Re: New ARM asm/syscall.h incompatible? (commitbf2c9f9866928df60157bc4f1ab39f93a32c754e)

From: Russell King - ARM Linux
Date: Thu May 24 2012 - 12:11:39 EST


On Thu, May 24, 2012 at 10:39:38AM -0500, Will Drewry wrote:
> On Wed, May 23, 2012 at 2:14 PM, Russell King - ARM Linux
> <linux@xxxxxxxxxxxxxxxx> wrote:
> > On Wed, May 23, 2012 at 02:04:20PM -0500, Will Drewry wrote:
> >> I'm still curious if it wouldn't make more sense to handle the
> >> sys_syscall special case prior to any cross-arch (slowpath) code
> >> involvement rather than truncating the 7th parameter making
> >> sys_syscall a second class citizen for those cross-arch paths.
> >
> > It would mean making sys_syscall an explicit special case in the fast
> > path of syscall entry, which we really don't want to do.  It _is_ a
> > standard syscall, it just happens to have 7 arguments which are
> > rewritten back to what the syscall actually expects.
> >
> > As I say, the alternative would be to explicitly test for the syscall
> > number in the fast path of system call entry and branch away to deal
> > with it.  Adding unnecessary instructions to this fast path for such
> > a special case when there's already a perfectly reasonable alternative
> > solution doesn't fill me with any joy.
>
> I'd been picturing this as being done exclusively after the slow-path
> is triggered, in __sys_trace or syscall_trace(), but perhaps I'm
> missing something that makes that untenable.

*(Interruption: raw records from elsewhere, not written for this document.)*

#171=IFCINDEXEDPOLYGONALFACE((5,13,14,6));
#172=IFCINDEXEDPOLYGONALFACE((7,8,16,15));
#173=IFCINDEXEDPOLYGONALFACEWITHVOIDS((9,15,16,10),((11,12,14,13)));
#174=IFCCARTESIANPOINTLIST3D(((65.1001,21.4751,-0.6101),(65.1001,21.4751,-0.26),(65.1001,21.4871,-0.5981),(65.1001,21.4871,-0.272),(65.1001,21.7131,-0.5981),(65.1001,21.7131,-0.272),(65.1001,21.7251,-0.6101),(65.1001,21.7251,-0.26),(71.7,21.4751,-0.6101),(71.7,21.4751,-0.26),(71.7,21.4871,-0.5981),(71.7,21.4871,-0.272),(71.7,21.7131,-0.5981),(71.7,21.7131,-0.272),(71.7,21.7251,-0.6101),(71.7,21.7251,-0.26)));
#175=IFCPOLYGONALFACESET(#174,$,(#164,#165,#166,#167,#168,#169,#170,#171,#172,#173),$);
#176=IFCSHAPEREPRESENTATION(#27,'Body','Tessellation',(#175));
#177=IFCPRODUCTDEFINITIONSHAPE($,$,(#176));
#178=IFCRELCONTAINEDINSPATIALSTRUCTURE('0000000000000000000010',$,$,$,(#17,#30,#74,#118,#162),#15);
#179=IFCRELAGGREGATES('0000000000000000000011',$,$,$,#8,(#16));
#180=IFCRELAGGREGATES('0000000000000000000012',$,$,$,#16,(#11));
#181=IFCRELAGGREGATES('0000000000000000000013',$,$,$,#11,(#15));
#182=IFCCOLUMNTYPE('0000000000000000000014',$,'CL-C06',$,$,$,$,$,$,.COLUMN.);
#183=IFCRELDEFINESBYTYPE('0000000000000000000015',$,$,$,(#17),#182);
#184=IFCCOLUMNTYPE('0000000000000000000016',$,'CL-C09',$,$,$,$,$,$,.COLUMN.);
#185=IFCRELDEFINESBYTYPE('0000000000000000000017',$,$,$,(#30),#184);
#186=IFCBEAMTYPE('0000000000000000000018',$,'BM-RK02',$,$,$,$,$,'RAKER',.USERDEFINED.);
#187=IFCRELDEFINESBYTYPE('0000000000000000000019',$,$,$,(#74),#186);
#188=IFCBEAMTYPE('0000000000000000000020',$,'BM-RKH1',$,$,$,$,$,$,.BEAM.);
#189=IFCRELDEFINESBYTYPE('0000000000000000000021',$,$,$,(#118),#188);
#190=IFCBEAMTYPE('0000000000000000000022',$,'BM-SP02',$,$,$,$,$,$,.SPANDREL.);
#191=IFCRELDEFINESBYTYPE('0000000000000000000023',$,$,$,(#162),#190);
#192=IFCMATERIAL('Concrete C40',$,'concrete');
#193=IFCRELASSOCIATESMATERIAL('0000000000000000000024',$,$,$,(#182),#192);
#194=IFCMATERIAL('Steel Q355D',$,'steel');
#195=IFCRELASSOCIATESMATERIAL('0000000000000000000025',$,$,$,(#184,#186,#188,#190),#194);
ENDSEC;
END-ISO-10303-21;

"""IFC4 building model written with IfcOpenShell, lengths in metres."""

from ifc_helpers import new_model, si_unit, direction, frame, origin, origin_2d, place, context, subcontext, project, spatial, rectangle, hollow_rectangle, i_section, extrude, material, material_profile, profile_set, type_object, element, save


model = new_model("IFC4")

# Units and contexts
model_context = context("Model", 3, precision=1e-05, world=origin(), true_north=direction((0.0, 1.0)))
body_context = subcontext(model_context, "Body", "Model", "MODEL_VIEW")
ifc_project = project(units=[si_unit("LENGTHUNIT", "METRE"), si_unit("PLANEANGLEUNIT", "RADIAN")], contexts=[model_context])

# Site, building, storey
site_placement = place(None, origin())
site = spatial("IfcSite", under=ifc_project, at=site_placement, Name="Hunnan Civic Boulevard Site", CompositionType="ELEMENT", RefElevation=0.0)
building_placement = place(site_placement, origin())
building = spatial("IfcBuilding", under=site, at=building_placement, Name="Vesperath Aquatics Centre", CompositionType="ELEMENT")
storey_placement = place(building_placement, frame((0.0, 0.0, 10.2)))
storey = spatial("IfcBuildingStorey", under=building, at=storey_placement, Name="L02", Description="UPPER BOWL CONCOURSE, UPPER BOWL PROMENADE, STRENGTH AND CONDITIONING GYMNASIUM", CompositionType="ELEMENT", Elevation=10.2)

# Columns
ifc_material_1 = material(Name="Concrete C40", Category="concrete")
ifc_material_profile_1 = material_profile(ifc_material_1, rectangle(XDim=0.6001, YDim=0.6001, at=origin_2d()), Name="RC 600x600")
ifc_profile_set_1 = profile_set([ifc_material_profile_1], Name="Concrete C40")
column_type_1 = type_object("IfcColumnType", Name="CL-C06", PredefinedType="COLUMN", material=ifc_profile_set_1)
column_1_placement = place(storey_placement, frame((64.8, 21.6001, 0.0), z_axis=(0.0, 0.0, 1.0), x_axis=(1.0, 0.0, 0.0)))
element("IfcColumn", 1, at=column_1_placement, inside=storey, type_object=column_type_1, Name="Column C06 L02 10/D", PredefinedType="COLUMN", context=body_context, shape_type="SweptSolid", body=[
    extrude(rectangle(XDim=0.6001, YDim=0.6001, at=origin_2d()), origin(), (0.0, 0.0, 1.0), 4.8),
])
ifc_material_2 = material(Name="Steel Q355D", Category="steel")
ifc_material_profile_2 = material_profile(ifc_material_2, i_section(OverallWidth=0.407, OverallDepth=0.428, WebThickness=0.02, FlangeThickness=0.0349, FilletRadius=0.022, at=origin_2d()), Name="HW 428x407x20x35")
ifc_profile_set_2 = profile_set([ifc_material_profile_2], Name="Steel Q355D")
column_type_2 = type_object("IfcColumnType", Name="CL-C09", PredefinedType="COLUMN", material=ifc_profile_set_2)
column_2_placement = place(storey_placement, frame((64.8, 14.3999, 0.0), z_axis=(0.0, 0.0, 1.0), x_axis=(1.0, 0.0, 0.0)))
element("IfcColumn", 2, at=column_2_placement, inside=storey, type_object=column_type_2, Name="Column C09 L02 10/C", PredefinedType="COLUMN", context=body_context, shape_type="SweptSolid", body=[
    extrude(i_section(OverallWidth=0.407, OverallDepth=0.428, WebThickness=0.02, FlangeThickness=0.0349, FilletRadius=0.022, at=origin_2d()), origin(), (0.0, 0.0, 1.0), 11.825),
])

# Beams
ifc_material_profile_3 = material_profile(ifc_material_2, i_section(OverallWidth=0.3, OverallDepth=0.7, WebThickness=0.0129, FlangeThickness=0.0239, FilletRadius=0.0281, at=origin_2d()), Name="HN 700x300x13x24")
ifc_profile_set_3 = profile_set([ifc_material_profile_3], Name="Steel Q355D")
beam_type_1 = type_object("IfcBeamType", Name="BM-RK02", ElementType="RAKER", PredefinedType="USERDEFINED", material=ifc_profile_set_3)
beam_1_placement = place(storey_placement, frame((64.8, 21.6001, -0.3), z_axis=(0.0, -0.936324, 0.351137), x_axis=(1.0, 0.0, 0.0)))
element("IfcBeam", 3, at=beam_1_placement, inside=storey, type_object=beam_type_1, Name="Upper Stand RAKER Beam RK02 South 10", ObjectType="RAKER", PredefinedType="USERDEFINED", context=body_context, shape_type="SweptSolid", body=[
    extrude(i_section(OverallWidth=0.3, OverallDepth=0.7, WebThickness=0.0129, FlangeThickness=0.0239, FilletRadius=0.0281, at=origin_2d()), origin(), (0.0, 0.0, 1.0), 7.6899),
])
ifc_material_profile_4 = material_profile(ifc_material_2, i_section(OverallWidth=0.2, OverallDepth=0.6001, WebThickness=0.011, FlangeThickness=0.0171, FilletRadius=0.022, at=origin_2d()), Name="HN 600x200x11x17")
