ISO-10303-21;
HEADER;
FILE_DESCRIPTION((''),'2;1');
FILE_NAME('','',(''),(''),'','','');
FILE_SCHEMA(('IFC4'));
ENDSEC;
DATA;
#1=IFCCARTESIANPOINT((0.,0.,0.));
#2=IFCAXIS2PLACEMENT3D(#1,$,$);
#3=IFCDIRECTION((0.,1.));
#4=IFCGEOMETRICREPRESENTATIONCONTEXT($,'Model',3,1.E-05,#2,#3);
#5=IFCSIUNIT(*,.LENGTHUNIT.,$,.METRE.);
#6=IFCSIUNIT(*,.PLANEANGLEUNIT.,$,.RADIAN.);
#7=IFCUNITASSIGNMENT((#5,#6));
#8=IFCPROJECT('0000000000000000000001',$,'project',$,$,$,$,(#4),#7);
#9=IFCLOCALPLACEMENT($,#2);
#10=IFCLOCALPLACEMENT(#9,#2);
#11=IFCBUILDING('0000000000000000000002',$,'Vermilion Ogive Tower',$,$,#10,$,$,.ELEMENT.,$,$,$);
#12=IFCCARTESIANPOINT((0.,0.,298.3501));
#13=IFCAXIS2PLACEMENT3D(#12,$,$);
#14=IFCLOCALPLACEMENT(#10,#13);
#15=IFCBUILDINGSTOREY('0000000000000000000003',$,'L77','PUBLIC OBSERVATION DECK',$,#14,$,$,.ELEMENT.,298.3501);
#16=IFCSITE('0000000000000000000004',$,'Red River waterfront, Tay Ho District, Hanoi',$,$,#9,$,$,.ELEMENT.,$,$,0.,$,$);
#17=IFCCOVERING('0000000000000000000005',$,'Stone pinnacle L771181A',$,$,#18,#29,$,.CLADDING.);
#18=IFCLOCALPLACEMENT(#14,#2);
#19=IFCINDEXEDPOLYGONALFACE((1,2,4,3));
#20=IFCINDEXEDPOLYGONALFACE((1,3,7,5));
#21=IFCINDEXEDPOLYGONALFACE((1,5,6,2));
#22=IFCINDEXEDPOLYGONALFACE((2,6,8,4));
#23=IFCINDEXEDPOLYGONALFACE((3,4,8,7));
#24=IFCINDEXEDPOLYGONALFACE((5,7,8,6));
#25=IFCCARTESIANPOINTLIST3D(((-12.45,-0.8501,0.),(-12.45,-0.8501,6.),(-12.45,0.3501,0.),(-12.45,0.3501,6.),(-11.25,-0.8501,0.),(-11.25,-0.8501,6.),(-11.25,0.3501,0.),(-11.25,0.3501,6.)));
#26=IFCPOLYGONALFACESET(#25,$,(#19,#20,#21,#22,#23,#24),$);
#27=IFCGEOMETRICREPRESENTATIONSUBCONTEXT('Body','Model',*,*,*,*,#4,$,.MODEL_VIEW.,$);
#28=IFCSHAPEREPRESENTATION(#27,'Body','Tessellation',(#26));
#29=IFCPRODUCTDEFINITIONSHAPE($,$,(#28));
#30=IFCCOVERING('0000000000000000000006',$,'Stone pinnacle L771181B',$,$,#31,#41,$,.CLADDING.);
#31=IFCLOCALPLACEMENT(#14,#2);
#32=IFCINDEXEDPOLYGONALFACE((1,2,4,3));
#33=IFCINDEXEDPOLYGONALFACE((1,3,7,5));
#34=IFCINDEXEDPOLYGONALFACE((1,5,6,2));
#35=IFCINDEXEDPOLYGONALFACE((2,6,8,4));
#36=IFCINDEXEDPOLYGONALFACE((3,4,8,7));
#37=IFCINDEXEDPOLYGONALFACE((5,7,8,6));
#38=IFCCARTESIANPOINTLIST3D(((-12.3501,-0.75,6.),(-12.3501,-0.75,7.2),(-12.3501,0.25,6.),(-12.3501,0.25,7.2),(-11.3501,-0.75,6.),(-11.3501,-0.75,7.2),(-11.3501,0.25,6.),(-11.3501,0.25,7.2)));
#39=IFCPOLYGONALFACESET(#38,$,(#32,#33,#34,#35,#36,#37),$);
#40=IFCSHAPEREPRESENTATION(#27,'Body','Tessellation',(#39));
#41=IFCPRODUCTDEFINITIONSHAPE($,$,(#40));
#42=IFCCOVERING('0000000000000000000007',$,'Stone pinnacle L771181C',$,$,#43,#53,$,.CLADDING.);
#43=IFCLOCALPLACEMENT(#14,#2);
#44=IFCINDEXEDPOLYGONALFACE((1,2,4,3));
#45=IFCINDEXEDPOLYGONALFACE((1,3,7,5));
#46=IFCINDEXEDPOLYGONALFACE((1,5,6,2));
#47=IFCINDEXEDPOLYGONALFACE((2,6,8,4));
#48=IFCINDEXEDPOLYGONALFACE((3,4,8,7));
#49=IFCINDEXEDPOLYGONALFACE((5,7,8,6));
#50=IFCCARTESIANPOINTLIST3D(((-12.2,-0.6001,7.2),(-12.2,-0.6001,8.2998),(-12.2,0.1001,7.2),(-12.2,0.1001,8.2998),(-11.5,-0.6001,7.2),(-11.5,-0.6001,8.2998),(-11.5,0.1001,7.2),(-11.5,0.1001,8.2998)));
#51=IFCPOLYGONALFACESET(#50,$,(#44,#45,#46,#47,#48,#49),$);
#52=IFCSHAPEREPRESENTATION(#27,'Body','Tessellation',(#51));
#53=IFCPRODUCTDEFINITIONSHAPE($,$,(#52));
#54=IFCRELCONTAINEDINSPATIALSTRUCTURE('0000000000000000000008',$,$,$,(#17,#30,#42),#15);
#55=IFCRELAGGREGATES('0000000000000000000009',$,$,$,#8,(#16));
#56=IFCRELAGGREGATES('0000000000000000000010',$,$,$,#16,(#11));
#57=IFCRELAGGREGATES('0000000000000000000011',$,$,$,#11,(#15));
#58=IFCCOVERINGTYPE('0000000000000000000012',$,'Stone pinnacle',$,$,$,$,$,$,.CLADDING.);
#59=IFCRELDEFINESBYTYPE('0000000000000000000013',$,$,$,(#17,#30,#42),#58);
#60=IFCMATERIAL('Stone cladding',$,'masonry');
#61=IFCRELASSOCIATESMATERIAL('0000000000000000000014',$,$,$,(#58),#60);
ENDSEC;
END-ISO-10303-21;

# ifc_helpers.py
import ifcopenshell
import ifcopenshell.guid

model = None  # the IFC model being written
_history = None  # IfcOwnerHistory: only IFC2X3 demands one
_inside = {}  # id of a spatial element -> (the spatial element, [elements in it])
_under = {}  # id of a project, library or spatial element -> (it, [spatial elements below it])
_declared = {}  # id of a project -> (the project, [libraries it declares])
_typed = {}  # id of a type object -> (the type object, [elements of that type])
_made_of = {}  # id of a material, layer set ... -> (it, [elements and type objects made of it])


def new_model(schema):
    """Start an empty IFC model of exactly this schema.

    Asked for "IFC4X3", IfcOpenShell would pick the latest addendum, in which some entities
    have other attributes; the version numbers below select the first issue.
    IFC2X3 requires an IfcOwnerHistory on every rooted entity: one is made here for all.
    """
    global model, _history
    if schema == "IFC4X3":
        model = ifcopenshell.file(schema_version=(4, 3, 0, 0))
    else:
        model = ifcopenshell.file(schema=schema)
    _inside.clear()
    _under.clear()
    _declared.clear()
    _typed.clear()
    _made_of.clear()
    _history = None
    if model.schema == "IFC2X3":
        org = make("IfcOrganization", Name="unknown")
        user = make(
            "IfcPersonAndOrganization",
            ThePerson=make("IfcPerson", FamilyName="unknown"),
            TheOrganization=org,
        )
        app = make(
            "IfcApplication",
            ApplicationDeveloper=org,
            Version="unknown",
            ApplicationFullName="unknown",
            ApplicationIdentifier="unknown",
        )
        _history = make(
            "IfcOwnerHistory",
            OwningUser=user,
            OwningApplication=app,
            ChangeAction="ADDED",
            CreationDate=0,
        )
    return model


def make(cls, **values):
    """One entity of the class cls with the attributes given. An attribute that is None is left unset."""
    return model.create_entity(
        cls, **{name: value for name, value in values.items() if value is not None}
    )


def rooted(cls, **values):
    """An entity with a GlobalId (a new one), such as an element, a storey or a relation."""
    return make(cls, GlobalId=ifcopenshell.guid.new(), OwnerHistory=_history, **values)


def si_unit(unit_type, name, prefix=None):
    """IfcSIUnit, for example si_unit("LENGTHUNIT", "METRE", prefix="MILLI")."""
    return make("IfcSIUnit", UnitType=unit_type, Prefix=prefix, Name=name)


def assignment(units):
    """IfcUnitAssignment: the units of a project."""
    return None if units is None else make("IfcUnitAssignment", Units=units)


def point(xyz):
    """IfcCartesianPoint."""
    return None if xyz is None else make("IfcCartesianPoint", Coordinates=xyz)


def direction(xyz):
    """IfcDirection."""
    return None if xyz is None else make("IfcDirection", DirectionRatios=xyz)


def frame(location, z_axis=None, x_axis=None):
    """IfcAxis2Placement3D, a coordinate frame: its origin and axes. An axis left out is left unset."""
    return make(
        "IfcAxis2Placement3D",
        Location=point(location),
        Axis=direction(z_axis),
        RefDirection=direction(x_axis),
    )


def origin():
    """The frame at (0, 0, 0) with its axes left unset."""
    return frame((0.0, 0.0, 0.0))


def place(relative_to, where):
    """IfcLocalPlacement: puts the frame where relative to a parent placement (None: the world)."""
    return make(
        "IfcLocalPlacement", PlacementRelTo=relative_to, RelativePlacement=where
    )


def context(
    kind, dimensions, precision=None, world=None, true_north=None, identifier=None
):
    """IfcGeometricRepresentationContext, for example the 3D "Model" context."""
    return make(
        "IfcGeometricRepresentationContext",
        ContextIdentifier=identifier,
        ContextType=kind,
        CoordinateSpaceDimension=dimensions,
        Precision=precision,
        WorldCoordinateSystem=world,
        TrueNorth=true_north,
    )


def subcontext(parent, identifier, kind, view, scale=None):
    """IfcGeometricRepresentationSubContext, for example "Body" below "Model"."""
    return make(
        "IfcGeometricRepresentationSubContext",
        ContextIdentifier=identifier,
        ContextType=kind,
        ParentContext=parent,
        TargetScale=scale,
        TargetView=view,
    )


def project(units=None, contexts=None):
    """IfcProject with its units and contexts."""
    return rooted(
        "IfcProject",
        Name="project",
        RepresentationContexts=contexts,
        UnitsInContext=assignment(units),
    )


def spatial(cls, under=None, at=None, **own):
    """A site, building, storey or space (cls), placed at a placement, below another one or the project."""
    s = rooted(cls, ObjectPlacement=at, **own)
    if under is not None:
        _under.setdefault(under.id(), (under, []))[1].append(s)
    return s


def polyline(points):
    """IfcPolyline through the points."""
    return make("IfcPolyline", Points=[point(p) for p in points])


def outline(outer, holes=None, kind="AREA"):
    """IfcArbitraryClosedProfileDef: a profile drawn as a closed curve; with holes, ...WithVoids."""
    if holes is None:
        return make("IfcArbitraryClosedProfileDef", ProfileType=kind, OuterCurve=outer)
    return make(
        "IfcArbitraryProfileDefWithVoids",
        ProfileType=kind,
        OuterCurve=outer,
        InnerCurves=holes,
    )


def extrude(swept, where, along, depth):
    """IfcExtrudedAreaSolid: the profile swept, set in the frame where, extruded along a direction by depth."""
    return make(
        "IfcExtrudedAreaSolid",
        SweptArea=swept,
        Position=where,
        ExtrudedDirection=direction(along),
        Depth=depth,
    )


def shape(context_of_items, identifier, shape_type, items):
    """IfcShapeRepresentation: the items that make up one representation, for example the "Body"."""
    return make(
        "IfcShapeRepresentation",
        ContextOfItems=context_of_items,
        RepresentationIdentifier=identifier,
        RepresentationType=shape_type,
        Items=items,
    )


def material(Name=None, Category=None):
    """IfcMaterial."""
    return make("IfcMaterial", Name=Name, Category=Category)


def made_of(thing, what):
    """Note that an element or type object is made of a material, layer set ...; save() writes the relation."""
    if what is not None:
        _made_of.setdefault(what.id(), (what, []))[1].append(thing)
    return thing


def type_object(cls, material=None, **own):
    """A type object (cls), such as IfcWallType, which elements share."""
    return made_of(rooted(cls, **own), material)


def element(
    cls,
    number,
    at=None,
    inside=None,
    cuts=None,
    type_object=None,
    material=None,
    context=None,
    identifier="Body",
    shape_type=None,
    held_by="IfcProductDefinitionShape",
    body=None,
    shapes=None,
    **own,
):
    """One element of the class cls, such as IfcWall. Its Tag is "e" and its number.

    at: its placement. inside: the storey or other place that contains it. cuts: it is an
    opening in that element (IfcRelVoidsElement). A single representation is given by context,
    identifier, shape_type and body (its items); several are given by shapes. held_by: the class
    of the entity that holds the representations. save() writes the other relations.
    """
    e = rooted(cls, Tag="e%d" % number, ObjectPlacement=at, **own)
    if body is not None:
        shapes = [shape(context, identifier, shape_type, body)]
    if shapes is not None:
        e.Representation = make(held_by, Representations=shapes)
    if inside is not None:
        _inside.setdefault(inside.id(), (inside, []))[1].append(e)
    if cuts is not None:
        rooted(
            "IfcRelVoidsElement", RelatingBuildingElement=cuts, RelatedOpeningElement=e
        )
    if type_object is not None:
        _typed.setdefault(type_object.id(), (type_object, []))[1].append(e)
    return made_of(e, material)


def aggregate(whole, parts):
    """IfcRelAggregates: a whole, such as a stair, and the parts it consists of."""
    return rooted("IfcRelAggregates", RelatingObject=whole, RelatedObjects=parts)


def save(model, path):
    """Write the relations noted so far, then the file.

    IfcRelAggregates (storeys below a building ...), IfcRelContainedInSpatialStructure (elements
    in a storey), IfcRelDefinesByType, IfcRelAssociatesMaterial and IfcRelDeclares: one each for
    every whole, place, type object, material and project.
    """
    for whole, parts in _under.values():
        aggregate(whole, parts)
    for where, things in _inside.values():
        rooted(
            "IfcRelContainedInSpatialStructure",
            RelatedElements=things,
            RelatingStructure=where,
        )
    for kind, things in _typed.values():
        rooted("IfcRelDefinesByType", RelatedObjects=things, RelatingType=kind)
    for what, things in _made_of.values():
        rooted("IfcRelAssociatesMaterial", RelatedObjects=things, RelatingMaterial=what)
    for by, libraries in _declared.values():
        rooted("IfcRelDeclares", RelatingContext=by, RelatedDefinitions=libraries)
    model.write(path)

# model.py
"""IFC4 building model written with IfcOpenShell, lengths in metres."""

from ifc_helpers import new_model, si_unit, direction, frame, origin, place, context, subcontext, project, spatial, polyline, outline, extrude, material, type_object, element, save


model = new_model("IFC4")

# Units and contexts
model_context = context("Model", 3, precision=1e-05, world=origin(), true_north=direction((0.0, 1.0)))
body_context = subcontext(model_context, "Body", "Model", "MODEL_VIEW")
ifc_project = project(units=[si_unit("LENGTHUNIT", "METRE"), si_unit("PLANEANGLEUNIT", "RADIAN")], contexts=[model_context])

# Site, building, storey
site_placement = place(None, origin())
site = spatial("IfcSite", under=ifc_project, at=site_placement, Name="Red River waterfront, Tay Ho District, Hanoi", CompositionType="ELEMENT", RefElevation=0.0)
building_placement = place(site_placement, origin())
building = spatial("IfcBuilding", under=site, at=building_placement, Name="Vermilion Ogive Tower", CompositionType="ELEMENT")
storey_placement = place(building_placement, frame((0.0, 0.0, 298.3501)))
storey = spatial("IfcBuildingStorey", under=building, at=storey_placement, Name="L77", Description="PUBLIC OBSERVATION DECK", CompositionType="ELEMENT", Elevation=298.3501)

# Coverings
ifc_material_1 = material(Name="Stone cladding", Category="masonry")
covering_type = type_object("IfcCoveringType", Name="Stone pinnacle", PredefinedType="CLADDING", material=ifc_material_1)
covering_1_placement = place(storey_placement, origin())
element("IfcCovering", 1, at=covering_1_placement, inside=storey, type_object=covering_type, Name="Stone pinnacle L771181A", PredefinedType="CLADDING", context=body_context, shape_type="SweptSolid", body=[
    extrude(outline(polyline([(-12.45, -0.8501), (-11.25, -0.8501), (-11.25, 0.3501), (-12.45, 0.3501), (-12.45, -0.8501)])), origin(), (0.0, 0.0, 1.0), 6.0),
])
covering_2_placement = place(storey_placement, frame((0.0, 0.0, 6.0)))
element("IfcCovering", 2, at=covering_2_placement, inside=storey, type_object=covering_type, Name="Stone pinnacle L771181B", PredefinedType="CLADDING", context=body_context, shape_type="SweptSolid", body=[
    extrude(outline(polyline([(-12.3501, -0.75), (-11.3501, -0.75), (-11.3501, 0.25), (-12.3501, 0.25), (-12.3501, -0.75)])), origin(), (0.0, 0.0, 1.0), 1.2),
])
covering_3_placement = place(storey_placement, frame((0.0, 0.0, 7.2)))
element("IfcCovering", 3, at=covering_3_placement, inside=storey, type_object=covering_type, Name="Stone pinnacle L771181C", PredefinedType="CLADDING", context=body_context, shape_type="SweptSolid", body=[
    extrude(outline(polyline([(-12.2, -0.6001), (-11.5, -0.6001), (-11.5, 0.1001), (-12.2, 0.1001), (-12.2, -0.6001)])), origin(), (0.0, 0.0, 1.0), 1.0999),
])

save(model, "model.ifc")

Well, I think the first thing which can be done is to move the seccomp
stuff out of the fast path, and combine it with the tracing code - like
this:

diff --git a/arch/arm/include/asm/thread_info.h b/arch/arm/include/asm/thread_info.h
index 0f04d84..5006374 100644
--- a/arch/arm/include/asm/thread_info.h
+++ b/arch/arm/include/asm/thread_info.h
@@ -148,24 +148,25 @@ extern int vfp_restore_user_hwstate(struct user_vfp __user *,
#define TIF_NOTIFY_RESUME 2 /* callback before returning to user */
#define TIF_SYSCALL_TRACE 8
#define TIF_SYSCALL_AUDIT 9
+#define TIF_SECCOMP 10
#define TIF_POLLING_NRFLAG 16
#define TIF_USING_IWMMXT 17
#define TIF_MEMDIE 18 /* is terminating due to OOM killer */
#define TIF_RESTORE_SIGMASK 20
-#define TIF_SECCOMP 21

#define _TIF_SIGPENDING (1 << TIF_SIGPENDING)
#define _TIF_NEED_RESCHED (1 << TIF_NEED_RESCHED)
#define _TIF_NOTIFY_RESUME (1 << TIF_NOTIFY_RESUME)
#define _TIF_SYSCALL_TRACE (1 << TIF_SYSCALL_TRACE)
#define _TIF_SYSCALL_AUDIT (1 << TIF_SYSCALL_AUDIT)
+#define _TIF_SECCOMP (1 << TIF_SECCOMP)
#define _TIF_POLLING_NRFLAG (1 << TIF_POLLING_NRFLAG)
#define _TIF_USING_IWMMXT (1 << TIF_USING_IWMMXT)
#define _TIF_RESTORE_SIGMASK (1 << TIF_RESTORE_SIGMASK)
-#define _TIF_SECCOMP (1 << TIF_SECCOMP)

/* Checks for any syscall work in entry-common.S */
-#define _TIF_SYSCALL_WORK (_TIF_SYSCALL_TRACE | _TIF_SYSCALL_AUDIT)
+#define _TIF_SYSCALL_WORK (_TIF_SYSCALL_TRACE | _TIF_SYSCALL_AUDIT)
+#define _TIF_SYSCALL_SLOW (_TIF_SYSCALL_WORK | _TIF_SECCOMP)

/*
* Change these and you break ASM code in entry-common.S
diff --git a/arch/arm/kernel/entry-common.S b/arch/arm/kernel/entry-common.S
index 54ee265..2fa4e85 100644
--- a/arch/arm/kernel/entry-common.S
+++ b/arch/arm/kernel/entry-common.S
@@ -442,19 +442,10 @@ ENTRY(vector_swi)
ldr r10, [tsk, #TI_FLAGS] @ check for syscall tracing
stmdb sp!, {r4, r5} @ push fifth and sixth args

-#ifdef CONFIG_SECCOMP
- tst r10, #_TIF_SECCOMP
- beq 1f
- mov r0, scno
- bl __secure_computing
- add r0, sp, #S_R0 + S_OFF @ pointer to regs
- ldmia r0, {r0 - r3} @ have to reload r0 - r3
-1:
-#endif
-
- tst r10, #_TIF_SYSCALL_WORK @ are we tracing syscalls?
- bne __sys_trace
+ tst r10, #_TIF_SYSCALL_SLOW
+ bne __sys_slow @ slow path for syscalls

+__sys_fast:
cmp scno, #NR_syscalls @ check upper syscall limit
adr lr, BSYM(ret_fast_syscall) @ return address
ldrcc pc, [tbl, scno, lsl #2] @ call sys_* routine
@@ -467,6 +458,18 @@ ENTRY(vector_swi)
b sys_ni_syscall @ not private func
ENDPROC(vector_swi)

+
+__sys_slow:
+ tst r10, #_TIF_SECCOMP
+ beq __sys_trace
+
+ bl __secure_computing
+ add r0, sp, #S_R0 + S_OFF @ pointer to regs
+ ldmia r0, {r0 - r3}
+
+ tst r10, #_TIF_SYSCALL_WORK
+ beq __sys_fast
+
/*
* This is the really slow path. We're going to be doing
* context switches, and waiting for our parent to respond.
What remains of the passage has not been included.